Combien de fois avez-vous employé l’expression “Et si on faisait une pause ? » On peut l’utiliser après un tunnel de réunions ou une session intense de révisions pour les partiels. Si on l’emploie si fréquemment c’est car elle est tout bonnement liée à notre rythme physiologique. Notre capacité de concentration avoisinerait les 90 minutes.
Et sur ces 90 minutes, notre attention est à son maximum les 25 premières minutes. Elle baisse peu à peu, puis la lassitude commence à nous envahir au bout de 75 minutes. Tout ceci est physiologiquement normal. Si on ne marque pas de temps de pause on se fatigue, on s’essouffle, on devient irritable et en proie à nos énergies négatives. Ce constat ne date pas d’hier.

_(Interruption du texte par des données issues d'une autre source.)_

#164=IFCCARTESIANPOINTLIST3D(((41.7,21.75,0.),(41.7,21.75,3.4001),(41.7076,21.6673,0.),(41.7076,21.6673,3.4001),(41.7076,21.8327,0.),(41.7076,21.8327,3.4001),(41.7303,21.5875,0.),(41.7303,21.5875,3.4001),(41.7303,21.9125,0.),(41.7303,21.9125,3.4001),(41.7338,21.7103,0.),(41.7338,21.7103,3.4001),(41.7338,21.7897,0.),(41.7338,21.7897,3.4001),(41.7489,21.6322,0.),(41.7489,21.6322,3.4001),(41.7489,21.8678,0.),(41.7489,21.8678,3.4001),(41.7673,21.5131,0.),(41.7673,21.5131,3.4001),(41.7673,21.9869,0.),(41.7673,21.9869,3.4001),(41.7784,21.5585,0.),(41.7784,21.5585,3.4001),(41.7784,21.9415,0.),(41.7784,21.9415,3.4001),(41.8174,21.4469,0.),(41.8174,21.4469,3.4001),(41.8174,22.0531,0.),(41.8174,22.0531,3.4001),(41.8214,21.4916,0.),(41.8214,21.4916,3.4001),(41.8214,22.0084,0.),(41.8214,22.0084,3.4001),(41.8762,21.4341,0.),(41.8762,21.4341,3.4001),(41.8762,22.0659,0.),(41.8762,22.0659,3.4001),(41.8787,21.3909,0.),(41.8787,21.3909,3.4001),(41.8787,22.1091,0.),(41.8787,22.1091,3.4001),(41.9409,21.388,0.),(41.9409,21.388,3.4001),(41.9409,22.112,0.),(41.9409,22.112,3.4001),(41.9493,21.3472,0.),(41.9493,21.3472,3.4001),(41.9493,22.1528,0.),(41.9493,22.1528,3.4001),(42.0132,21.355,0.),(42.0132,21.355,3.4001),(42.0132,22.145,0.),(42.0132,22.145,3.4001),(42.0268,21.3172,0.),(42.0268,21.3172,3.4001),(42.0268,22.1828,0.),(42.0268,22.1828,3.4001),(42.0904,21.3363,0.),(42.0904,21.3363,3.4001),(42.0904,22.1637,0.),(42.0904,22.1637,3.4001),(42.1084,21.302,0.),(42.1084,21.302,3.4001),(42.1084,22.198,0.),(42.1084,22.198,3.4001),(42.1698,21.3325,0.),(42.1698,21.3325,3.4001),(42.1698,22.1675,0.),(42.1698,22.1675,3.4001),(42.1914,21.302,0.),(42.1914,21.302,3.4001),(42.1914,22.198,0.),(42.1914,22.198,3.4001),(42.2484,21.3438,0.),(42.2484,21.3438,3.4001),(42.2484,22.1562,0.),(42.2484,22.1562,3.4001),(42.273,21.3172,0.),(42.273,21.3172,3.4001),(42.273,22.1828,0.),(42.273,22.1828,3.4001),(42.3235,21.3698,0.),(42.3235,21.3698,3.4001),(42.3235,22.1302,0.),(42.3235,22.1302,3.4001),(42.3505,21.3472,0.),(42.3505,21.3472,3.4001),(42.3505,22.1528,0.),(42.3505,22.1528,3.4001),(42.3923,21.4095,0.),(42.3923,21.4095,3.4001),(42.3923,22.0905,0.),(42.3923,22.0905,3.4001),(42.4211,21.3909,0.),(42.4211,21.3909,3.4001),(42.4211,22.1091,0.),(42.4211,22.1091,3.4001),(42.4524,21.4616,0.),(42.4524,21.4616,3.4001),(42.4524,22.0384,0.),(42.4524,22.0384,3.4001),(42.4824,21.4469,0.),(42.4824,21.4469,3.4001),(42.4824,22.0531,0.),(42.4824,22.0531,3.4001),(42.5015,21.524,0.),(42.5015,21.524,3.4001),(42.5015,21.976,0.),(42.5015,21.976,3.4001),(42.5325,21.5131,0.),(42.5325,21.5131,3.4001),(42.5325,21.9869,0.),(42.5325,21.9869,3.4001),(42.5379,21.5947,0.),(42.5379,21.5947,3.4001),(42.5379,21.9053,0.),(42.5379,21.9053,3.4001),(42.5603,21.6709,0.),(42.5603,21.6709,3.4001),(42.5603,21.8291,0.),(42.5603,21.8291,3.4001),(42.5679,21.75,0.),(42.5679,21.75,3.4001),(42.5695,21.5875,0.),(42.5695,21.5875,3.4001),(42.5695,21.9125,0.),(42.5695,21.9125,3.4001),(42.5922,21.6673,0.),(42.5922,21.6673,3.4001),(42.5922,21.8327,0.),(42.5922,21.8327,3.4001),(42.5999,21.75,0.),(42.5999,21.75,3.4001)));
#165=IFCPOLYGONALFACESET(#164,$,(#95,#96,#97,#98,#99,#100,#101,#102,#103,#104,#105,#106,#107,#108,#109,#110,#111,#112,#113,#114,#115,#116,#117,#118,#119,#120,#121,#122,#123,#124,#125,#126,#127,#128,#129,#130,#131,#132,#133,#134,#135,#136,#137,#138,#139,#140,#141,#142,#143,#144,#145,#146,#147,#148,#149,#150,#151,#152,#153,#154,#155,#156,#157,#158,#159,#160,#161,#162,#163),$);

PARCE QUE C’EST BON POUR LA SANTÉ
Plusieurs études ont montré que celleux qui ne prennent pas de pause ont plus de risques d’épuisement mental et physique (burn-out) que celleux qui prennent de petites pauses pendant leur journée de travail.
Faire une pause permet de reposer à la fois le corps et l’esprit et de renforcer le système immunitaire. Une étude américaine a même montré que les vacances permettraient au cœur de se reposer et diminueraient ainsi le risque d’accident cardiaque de 30%.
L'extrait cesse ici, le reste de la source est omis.